Ghana on a narrow path to debt sustainability – World Bank
Ghana, according to the World Bank, is on a narrow path to debt sustainability.
The assertion by the Bretton Wood Institution is due to the country’s ballooned debt which currently stands at 78.9% of Gross Domestic Product (GDP).
According to the World Bank, the country’s high public debt which makes Ghana at high risk of debt distress, high fiscal deficits, low revenue mobilisation and other structural challenges to stabilizing the macroeconomic framework, is making it difficult for the country to achieve debt sustainability.
In its Country Partnership Framework (CPF) developed for Ghana, the World Bank asserts that Ghana’s structural challenges to stabilize the macroeconomic framework, ensure debt sustainability and address chronic energy sector fiscal risks has been further magnified by the Covid pandemic.
The Bank notes that achieving debt sustainability and reversing the current macroeconomic trends will require significant and resolute structural reforms over time.
Adding that failure to do so could undermine the country’s post Covid-19 recovery and medium-term development ambitions.
“The pandemic magnified the urgency for Ghana to address pre-existing structural challenges to stabilize the macroeconomic framework, ensure debt sustainability, and address chronic energy sector fiscal risks. Public debt ballooned in 2020, reaching 78.9 percent of GDP2 while the fiscal deficit rose to 15.2 percent of GDP (including energy and financial sector costs).
“Ghana is at high risk of debt distress with a narrow path to debt sustainability. Weak management of State-Owned Enterprises (SOEs), particularly in the energy sector, has led to chronic operational losses and the accumulation of large liabilities. Reversing these trends will require significant and resolute structural reforms over time.
“Rebuilding fiscal buffers is central to improving macroeconomic stability, expanding public and private investment and improving service delivery. Failing to do so could undermine Ghana’s post COVID-19 recovery and medium-term development ambitions,” remarked the Bank.
Ghana’s high public debt coupled with high fiscal deficits and low revenue mobilisation as a percentage of GDP has resulted in the country’s loss of access to the capital markets and a downgrade of its credit rating as well as high yields on its bonds.
Touching on the country’s high dependence on natural resources, the Bank averred Ghana’s dependence on natural resource and gaps in fiscal governance are likely to create economic volatility, impact macroeconomic management and elevate cost of finance to the private sector.
“High natural resource dependence and gaps in fiscal governance are likely to create economic volatility, impact macroeconomic management and elevate the cost of finance for the private sector.
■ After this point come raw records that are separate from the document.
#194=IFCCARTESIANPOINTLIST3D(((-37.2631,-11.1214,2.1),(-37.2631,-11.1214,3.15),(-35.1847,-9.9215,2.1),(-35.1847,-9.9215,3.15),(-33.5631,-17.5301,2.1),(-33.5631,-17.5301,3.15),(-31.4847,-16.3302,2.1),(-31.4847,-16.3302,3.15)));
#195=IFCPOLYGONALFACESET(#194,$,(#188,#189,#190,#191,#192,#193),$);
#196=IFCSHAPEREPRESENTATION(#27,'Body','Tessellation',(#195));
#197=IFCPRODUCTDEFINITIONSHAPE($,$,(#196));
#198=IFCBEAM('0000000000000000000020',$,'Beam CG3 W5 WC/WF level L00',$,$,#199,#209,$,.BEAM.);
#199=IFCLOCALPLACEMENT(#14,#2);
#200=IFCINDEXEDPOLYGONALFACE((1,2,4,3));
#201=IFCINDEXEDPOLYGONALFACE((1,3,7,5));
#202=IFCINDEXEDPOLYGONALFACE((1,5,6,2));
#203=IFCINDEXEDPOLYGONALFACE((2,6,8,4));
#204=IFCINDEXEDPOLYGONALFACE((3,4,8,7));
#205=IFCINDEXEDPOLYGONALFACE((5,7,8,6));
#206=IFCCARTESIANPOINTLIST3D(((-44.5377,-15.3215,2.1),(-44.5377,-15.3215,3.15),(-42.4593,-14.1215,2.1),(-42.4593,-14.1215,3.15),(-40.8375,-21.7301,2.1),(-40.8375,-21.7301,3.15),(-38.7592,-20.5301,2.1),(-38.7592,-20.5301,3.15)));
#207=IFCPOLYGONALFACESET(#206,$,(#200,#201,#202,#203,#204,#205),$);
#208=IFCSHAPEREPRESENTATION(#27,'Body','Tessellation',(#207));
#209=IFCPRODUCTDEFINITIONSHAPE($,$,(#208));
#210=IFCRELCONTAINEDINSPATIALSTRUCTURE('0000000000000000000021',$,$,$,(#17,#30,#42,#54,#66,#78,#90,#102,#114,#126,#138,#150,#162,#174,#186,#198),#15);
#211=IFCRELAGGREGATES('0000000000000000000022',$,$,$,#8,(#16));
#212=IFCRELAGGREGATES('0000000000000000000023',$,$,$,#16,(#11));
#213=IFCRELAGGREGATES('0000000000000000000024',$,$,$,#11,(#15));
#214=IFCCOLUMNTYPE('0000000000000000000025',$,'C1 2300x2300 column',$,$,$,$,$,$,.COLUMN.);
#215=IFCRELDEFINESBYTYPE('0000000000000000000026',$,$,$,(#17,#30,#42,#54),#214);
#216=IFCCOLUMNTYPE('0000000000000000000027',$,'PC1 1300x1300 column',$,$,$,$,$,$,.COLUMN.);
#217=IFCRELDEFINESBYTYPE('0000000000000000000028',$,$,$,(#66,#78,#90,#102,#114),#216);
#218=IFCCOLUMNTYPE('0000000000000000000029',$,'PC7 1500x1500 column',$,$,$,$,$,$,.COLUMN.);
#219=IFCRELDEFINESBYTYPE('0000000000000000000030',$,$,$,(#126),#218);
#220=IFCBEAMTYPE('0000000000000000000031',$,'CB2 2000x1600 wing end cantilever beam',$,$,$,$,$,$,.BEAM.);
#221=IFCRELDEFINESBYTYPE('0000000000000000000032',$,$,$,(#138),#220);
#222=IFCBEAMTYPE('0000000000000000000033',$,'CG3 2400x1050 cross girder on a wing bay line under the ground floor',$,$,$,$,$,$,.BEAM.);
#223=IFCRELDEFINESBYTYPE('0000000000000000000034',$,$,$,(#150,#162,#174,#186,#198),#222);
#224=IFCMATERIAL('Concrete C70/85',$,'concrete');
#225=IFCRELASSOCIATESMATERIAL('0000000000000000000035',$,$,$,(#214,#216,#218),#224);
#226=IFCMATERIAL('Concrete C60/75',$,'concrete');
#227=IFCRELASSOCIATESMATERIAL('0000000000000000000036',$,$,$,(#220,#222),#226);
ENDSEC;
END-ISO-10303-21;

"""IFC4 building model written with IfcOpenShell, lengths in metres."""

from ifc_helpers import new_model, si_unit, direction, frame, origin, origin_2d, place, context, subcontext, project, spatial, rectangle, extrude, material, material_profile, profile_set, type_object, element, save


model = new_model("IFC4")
Export concentration (in gold, cocoa, and petroleum) has exposed the economy to fluctuations in global commodity prices.
“High fiscal deficits and increasing public debt have elevated Ghana’s country risk, limited FDI in non-commodity sectors, and increased the cost of finance for private businesses.
“Strong growth and a concerted fiscal consolidation program between 2015 and 2018 helped narrow the fiscal deficit and restore macroeconomic stability. However, the reform momentum started to wane in 2018, with financial and energy sector costs contributing to fiscal pressures,” said the World Bank.
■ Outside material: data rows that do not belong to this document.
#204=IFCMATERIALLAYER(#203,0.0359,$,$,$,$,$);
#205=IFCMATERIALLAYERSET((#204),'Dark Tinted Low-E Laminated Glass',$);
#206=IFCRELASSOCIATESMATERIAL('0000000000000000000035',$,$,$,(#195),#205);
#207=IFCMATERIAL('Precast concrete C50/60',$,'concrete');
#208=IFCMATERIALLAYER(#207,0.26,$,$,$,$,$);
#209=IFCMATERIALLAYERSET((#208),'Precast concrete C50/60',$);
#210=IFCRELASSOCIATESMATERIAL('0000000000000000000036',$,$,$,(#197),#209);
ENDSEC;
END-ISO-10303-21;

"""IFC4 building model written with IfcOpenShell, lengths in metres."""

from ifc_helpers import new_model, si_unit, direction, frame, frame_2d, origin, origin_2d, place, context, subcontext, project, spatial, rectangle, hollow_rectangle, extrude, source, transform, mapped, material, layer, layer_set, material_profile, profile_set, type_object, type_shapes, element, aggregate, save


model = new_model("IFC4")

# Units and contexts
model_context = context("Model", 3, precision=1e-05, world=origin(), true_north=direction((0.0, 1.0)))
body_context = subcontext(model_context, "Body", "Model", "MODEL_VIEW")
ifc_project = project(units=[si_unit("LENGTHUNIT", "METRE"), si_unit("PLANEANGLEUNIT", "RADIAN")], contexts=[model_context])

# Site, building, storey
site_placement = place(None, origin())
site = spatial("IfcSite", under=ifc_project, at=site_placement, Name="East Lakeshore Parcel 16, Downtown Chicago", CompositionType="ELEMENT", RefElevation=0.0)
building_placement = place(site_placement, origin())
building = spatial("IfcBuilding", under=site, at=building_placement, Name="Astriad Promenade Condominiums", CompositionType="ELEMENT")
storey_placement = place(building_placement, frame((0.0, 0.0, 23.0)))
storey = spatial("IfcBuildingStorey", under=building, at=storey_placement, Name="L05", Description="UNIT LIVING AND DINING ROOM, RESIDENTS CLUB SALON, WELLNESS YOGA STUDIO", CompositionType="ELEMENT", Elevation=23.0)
Ghana to benefit from $4.5bn World Bank Country Partnership Framework
The World Bank Group together with the International Finance Corporation and Multilateral Investment Guarantee Agency (MIGA) have prepared a $4.5bn Country Partnership Framework (CPF) for Ghana.
The CPF estimated to last for five years – 2022 to 2026 – will prioritize investments in human capital, job creation, economic diversification, building a resilient health system and fostering a greener and more inclusive society.
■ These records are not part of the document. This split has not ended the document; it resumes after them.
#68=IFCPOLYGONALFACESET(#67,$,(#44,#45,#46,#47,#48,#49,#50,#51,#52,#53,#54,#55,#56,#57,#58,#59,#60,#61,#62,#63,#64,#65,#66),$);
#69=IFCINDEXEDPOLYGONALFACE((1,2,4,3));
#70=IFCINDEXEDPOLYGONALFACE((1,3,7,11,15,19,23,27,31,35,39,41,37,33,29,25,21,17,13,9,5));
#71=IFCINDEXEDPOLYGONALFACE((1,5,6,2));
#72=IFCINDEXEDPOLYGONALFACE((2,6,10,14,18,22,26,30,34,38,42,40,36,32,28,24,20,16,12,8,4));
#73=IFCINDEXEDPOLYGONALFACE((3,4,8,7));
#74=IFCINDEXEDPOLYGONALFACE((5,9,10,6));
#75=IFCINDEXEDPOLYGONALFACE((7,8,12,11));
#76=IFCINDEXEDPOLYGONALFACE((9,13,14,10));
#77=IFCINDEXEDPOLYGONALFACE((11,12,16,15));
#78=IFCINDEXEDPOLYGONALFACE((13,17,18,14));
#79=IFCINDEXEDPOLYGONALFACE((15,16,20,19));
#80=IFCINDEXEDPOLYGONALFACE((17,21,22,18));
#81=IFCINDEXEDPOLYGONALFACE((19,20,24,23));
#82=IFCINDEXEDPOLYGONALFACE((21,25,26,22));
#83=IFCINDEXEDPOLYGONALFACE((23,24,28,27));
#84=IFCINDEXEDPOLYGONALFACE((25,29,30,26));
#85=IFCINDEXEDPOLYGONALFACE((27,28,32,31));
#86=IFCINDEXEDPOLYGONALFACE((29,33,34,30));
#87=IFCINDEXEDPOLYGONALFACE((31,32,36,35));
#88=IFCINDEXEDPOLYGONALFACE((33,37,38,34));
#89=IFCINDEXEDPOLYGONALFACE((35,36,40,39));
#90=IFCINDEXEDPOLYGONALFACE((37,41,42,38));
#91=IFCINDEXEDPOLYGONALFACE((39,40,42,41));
The CPF will support Ghana in its COVID-19 and medium-term development agenda. It is designed around three mutually reinforcing focus areas, namely: Enhancing Conditions for Private Sector Development and Quality Job Creation; Improving Inclusive Service Delivery; and Promoting Resilient and Sustainable Development.
“The World Bank Group is happy to support Ghana’s economic recovery plan. The CPF is aligned with Ghana’s Coordinated Program of Economic and Social Development Policies and will support the Government of Ghana in creating a competitive environment for the private sector to flourish and play a greater role in job creation particularly for youth,” said Pierre Laporte, World Bank Country Director for Ghana, Liberia and Sierra Leone.
“The World Bank Group, through the CPF, will also support policies and programs that aim to strengthen digital transformation for improved service delivery and productivity, improve governance, and promote greater inclusion, including strengthening women’s economic empowerment,” he added.